Effectively, the government has put a price ceiling on what these companies can charge the customer. It has given a band with a fixed upper limit, within which the price charged to the customer has to fall. While, this might seem like something to cheer about for the customer at the first glance, a closer inspection will reveal that it will actually end up hurting the customer as well as the companies.

Price ceilings simply do not work, as economic history has repeatedly taught us. A price ceiling will simply create a shortage in the supply of the good in question and create distortions in the market, which will hurt the very customer that such laws are intended to protect. In this case, a ban on surge pricing will lead to a reduction in the number of taxis available in the market, thereby creating welfare loss to the customers who demand the taxis.

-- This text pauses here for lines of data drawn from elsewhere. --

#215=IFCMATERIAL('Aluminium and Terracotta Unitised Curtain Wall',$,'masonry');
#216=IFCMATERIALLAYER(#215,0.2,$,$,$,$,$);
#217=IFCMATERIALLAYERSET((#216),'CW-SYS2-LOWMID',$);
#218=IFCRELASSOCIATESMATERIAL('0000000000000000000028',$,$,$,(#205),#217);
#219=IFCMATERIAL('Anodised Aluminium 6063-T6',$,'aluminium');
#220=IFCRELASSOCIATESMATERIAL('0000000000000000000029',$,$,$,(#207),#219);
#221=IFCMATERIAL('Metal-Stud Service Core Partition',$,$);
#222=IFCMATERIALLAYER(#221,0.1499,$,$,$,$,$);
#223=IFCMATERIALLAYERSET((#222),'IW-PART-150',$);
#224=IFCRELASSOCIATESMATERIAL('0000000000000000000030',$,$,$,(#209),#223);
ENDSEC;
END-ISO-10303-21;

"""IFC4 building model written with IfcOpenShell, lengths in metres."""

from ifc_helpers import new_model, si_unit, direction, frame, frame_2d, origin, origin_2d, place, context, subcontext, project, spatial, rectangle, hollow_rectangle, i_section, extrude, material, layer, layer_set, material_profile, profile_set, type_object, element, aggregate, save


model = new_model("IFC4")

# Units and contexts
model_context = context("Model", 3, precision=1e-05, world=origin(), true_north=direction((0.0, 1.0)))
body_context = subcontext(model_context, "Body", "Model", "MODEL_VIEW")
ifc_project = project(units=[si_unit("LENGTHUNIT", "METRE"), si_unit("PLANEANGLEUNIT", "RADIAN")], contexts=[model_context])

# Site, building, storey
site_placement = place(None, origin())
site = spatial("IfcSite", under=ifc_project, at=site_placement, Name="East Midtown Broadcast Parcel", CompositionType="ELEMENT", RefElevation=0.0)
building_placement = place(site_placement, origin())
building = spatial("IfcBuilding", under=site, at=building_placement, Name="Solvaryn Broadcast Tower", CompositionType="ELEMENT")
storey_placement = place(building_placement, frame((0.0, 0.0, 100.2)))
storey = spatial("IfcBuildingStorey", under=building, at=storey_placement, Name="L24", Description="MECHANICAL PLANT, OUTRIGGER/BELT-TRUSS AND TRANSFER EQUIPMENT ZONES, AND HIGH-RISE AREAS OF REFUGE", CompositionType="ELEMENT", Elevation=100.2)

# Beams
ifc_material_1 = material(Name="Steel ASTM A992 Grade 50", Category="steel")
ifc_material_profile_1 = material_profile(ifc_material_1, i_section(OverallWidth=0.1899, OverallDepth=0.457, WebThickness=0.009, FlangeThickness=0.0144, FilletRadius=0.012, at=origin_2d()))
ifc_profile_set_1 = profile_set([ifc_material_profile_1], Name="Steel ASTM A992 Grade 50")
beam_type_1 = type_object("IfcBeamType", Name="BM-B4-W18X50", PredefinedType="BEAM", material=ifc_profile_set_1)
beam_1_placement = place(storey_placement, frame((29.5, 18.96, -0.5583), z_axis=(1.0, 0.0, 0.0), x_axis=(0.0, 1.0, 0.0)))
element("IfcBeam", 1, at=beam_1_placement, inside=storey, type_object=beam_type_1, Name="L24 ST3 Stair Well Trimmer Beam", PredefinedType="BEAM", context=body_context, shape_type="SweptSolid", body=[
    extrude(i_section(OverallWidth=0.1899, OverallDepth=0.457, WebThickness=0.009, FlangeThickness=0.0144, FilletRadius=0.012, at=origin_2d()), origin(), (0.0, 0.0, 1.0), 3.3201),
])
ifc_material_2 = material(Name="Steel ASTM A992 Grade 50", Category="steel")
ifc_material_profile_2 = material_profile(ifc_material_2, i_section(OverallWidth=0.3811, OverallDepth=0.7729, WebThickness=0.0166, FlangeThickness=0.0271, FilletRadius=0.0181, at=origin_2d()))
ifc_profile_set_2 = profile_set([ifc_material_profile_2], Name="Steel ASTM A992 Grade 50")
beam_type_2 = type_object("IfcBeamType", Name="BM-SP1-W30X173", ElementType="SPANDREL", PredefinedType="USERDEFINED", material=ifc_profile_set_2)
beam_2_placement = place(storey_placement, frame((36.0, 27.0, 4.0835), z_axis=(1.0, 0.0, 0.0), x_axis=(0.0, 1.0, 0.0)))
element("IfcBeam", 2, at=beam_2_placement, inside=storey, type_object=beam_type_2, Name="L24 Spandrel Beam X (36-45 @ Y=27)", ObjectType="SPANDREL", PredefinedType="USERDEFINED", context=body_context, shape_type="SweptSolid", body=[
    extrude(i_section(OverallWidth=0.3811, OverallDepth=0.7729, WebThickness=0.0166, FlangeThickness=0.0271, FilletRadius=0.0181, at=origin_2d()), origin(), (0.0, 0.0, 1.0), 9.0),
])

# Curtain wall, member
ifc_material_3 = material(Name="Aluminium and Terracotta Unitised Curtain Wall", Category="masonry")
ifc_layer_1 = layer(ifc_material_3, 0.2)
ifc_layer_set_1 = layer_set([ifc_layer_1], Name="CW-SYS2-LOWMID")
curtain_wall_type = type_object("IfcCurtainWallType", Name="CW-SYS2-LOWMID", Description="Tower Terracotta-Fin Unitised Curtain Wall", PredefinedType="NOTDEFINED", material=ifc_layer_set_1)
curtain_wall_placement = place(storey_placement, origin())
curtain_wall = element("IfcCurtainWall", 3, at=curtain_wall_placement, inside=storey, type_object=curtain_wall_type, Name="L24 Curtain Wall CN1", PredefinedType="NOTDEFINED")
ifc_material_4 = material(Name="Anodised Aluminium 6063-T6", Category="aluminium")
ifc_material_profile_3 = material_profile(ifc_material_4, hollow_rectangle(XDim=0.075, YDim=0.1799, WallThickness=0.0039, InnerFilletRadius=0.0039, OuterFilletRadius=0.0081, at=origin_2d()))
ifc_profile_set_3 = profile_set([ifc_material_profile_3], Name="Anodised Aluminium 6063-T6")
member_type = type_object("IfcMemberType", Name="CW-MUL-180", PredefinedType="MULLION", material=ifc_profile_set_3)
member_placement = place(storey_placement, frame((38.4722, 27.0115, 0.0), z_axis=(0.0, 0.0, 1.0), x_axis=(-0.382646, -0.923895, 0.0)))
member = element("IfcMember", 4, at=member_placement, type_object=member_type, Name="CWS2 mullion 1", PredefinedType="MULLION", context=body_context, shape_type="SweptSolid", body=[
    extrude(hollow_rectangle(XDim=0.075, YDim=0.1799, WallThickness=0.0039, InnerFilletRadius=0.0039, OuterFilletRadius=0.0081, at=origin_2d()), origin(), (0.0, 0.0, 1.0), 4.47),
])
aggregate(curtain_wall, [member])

The supply of any commodity depends on the price. At each price point, a supplier (driver in this case) will decide whether it is profitable to sell at that price point. Auto rickshaws normally charge 1.5X from 9PM – 6AM, in a bid to be compensated for working late hours and at times that other would not be willing to. Imagine if a similar price cap had been put in place for autos, there wouldn’t be any autos available for hire after 9PM.

Similarly, during peak hours and other times of high demand, in the absence of surge pricing, an Uber driver would not consider it worthwhile to switch on the app or accept ride requests and thus, leading to shortages.

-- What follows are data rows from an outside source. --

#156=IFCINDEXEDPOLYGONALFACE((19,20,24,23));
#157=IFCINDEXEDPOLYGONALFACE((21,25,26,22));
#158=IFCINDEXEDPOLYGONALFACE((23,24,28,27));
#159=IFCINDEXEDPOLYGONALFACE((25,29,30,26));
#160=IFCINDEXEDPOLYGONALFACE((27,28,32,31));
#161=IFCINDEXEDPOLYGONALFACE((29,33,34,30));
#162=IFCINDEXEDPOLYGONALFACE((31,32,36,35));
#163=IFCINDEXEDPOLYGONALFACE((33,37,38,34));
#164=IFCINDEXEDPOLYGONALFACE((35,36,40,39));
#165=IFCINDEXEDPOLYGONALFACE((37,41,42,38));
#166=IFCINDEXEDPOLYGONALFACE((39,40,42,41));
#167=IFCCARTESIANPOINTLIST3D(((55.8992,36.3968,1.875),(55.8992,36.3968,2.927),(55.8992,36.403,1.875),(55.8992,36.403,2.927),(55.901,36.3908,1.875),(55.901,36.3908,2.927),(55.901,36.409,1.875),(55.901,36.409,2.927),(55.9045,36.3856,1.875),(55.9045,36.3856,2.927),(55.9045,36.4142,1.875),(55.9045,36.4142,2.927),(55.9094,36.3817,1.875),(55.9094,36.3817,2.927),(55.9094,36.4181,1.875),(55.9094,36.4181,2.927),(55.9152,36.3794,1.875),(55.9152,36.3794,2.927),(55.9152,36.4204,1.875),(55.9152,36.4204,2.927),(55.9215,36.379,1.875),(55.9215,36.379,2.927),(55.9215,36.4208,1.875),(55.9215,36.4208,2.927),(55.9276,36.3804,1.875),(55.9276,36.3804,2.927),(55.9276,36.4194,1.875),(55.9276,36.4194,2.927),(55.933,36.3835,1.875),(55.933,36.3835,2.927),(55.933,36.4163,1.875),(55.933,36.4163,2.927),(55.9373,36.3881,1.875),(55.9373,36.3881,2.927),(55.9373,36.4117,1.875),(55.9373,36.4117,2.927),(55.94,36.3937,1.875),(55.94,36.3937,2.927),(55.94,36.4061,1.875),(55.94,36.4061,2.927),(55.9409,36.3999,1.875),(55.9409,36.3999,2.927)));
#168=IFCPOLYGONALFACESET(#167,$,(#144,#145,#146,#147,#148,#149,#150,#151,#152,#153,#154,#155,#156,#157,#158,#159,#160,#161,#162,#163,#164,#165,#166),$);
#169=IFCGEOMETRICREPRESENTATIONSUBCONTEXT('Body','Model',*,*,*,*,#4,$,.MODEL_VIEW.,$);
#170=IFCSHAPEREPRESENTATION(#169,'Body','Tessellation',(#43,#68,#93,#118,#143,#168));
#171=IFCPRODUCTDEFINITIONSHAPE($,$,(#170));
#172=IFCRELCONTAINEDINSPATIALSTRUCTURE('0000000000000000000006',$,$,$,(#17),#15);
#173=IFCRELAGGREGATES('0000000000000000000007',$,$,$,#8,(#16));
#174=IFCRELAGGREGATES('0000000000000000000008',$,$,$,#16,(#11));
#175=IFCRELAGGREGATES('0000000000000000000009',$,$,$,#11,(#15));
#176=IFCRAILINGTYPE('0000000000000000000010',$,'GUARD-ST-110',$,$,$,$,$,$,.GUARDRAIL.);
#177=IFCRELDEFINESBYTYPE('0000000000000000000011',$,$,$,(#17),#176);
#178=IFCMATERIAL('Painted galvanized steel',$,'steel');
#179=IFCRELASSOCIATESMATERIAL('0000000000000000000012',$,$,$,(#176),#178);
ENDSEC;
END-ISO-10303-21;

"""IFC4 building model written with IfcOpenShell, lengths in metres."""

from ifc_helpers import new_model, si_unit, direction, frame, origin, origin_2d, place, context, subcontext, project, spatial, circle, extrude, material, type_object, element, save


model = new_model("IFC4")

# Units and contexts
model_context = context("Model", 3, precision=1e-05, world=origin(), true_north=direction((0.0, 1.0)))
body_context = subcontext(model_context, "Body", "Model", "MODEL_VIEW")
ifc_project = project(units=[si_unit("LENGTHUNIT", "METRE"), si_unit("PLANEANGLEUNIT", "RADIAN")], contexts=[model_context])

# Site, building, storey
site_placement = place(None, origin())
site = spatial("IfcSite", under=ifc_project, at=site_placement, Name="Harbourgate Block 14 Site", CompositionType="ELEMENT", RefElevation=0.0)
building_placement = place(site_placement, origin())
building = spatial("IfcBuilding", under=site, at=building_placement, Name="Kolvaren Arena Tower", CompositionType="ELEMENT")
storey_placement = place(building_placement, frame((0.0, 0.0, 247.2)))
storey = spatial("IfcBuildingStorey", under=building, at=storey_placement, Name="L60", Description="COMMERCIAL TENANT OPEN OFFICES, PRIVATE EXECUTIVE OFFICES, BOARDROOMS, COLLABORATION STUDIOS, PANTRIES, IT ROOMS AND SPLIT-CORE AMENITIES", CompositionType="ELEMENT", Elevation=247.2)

Another major impact of this ruling would be that Bangalore would lose out on the new investment that these companies had pledged. Uber, which has now partnered with 30,000 cabs in the city had planned to expand to about 1,00,000 cabs in the next few years. Uber and Ola combined had pledged to invest around Rs. 15,000 crores in the next few years in Karnataka. With regressive laws such as this, the state could easily lose this investment to neighbouring states. The other worry is that other Indian states could follow this bad example. Maharastra was considering a similar move and it could get buoyed by the Karnataka move.

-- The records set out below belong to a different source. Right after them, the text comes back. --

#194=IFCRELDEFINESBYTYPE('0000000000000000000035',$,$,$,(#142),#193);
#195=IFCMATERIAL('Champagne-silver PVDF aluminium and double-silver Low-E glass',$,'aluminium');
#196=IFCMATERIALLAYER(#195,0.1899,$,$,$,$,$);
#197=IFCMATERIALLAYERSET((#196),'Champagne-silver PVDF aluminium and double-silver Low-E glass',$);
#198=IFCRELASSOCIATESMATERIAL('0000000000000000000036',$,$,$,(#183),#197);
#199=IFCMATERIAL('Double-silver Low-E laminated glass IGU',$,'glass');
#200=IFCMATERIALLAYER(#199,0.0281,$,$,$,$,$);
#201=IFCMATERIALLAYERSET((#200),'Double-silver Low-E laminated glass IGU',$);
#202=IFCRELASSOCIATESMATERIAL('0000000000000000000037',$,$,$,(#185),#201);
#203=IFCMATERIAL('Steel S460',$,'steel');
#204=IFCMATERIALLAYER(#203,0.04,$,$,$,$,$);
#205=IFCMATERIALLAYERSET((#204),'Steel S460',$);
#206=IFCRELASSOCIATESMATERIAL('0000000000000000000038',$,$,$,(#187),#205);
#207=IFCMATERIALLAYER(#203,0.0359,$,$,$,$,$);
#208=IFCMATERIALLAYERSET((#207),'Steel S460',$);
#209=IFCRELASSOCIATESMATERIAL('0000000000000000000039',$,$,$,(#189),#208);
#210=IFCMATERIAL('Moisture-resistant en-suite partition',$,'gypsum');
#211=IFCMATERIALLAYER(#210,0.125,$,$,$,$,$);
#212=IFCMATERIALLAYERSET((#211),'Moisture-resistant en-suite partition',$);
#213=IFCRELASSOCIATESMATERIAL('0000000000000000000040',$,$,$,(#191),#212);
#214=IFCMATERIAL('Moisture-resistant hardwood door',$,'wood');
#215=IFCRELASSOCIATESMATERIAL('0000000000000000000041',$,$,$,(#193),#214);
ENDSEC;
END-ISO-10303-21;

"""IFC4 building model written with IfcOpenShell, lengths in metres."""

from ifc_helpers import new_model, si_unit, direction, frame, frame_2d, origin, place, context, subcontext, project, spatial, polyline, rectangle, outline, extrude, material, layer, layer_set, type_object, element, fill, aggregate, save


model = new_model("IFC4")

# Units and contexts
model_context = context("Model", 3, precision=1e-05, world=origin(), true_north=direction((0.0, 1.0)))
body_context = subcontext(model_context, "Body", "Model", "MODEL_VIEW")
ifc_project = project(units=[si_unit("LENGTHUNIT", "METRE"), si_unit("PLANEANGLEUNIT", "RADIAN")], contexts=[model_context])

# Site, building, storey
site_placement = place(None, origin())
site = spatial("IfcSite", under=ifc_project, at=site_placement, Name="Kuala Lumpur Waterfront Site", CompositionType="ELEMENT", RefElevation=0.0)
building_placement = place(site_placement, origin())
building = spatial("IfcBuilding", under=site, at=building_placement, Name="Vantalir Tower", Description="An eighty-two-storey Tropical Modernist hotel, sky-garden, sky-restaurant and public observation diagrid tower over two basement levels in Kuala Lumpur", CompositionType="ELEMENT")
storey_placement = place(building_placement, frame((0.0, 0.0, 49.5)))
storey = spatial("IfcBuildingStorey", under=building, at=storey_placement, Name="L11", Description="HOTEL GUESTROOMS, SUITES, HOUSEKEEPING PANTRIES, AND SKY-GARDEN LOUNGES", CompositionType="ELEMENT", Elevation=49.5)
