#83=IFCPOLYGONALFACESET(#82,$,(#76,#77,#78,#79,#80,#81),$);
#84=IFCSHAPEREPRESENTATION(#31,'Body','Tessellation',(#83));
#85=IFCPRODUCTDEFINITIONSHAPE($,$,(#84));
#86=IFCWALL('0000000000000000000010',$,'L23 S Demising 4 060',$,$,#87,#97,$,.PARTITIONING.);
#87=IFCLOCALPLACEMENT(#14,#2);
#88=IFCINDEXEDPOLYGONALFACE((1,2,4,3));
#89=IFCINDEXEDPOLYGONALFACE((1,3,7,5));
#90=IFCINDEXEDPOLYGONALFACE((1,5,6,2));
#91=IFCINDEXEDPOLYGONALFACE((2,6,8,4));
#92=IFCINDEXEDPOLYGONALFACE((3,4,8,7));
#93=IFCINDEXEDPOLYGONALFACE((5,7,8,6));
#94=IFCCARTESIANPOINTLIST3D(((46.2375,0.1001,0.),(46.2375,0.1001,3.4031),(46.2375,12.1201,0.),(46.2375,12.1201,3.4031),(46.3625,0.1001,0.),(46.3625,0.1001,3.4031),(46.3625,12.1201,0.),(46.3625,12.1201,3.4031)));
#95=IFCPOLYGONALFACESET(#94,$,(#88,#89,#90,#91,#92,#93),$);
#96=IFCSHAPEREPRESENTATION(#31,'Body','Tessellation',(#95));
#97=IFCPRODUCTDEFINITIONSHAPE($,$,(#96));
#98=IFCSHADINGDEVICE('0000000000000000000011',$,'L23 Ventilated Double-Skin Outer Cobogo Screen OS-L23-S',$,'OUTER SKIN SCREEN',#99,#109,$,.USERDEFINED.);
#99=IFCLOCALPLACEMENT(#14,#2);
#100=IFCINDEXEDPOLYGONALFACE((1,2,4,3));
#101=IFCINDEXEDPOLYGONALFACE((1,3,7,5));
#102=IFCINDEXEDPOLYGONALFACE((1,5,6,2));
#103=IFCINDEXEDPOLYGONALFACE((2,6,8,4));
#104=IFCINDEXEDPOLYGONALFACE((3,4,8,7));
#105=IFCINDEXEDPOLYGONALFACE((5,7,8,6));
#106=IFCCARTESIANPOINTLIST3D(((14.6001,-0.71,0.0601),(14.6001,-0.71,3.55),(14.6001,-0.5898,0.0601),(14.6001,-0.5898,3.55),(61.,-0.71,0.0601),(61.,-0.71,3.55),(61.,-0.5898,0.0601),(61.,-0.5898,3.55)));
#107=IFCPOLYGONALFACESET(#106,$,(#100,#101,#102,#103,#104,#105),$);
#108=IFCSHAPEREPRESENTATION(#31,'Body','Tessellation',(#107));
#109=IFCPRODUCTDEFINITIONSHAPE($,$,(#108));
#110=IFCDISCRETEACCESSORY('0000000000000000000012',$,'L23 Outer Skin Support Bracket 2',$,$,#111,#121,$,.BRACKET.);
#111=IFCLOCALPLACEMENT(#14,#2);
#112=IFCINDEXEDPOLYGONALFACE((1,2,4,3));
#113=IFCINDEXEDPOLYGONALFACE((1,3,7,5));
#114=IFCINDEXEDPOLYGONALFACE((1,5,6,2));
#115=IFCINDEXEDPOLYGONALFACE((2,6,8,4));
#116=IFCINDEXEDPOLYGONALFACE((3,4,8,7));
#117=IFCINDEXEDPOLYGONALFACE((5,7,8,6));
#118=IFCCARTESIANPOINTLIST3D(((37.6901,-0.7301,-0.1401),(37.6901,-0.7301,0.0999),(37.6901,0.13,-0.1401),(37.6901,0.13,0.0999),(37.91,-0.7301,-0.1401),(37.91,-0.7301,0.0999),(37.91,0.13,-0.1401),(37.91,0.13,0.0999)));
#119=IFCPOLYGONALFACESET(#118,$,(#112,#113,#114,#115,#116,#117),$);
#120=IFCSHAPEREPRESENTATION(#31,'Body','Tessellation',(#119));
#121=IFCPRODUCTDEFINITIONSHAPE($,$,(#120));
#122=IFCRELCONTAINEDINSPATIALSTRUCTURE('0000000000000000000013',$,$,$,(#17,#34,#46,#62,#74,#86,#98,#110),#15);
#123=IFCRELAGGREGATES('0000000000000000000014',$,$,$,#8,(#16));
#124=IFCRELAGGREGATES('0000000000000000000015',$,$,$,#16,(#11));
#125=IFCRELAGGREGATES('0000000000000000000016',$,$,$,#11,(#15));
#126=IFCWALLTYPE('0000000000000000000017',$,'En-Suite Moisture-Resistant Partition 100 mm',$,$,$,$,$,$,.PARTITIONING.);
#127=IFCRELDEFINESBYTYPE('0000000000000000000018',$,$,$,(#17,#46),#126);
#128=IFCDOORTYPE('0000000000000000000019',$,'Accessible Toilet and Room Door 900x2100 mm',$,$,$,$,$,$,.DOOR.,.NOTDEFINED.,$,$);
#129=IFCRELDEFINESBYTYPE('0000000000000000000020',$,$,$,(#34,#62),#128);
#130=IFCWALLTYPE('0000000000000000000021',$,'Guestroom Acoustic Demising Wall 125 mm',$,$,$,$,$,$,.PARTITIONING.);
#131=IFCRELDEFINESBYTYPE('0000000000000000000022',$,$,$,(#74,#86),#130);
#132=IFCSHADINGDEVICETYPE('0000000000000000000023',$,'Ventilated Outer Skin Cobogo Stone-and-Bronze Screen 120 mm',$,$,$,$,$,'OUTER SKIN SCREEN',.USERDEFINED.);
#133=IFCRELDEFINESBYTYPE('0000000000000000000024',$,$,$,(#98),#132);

Finally, the government must rethink whether this is the best method to achieve its objectives. The intention behind this move is to increase the supply of public transport at affordable rates for the consumers. Instead of creating distortions in the market by implementing a price cap, the government should look at other ways to make the market more competitive and remove entry barriers. The government could consider allowing flag down taxis on the streets, like they have in all other major metros in India, which will surely increase the supply of taxis. It could also allow shared autos to ply on Bangalore roads for fixed routes, which will ease the demand for taxis. Another related measure is to allow private busses of all sizes on Bangalore roads, which is currently disallowed. In short, the government should look at all ways to improve public transport in Bangalore and ways to increase the number of options available for customers to travel in the city. This will surely reduce the excess demand for Uber and Ola, which will automatically make surge pricing redundant.

Anupam Manur is a Policy Analyst at the Takshashila Institution.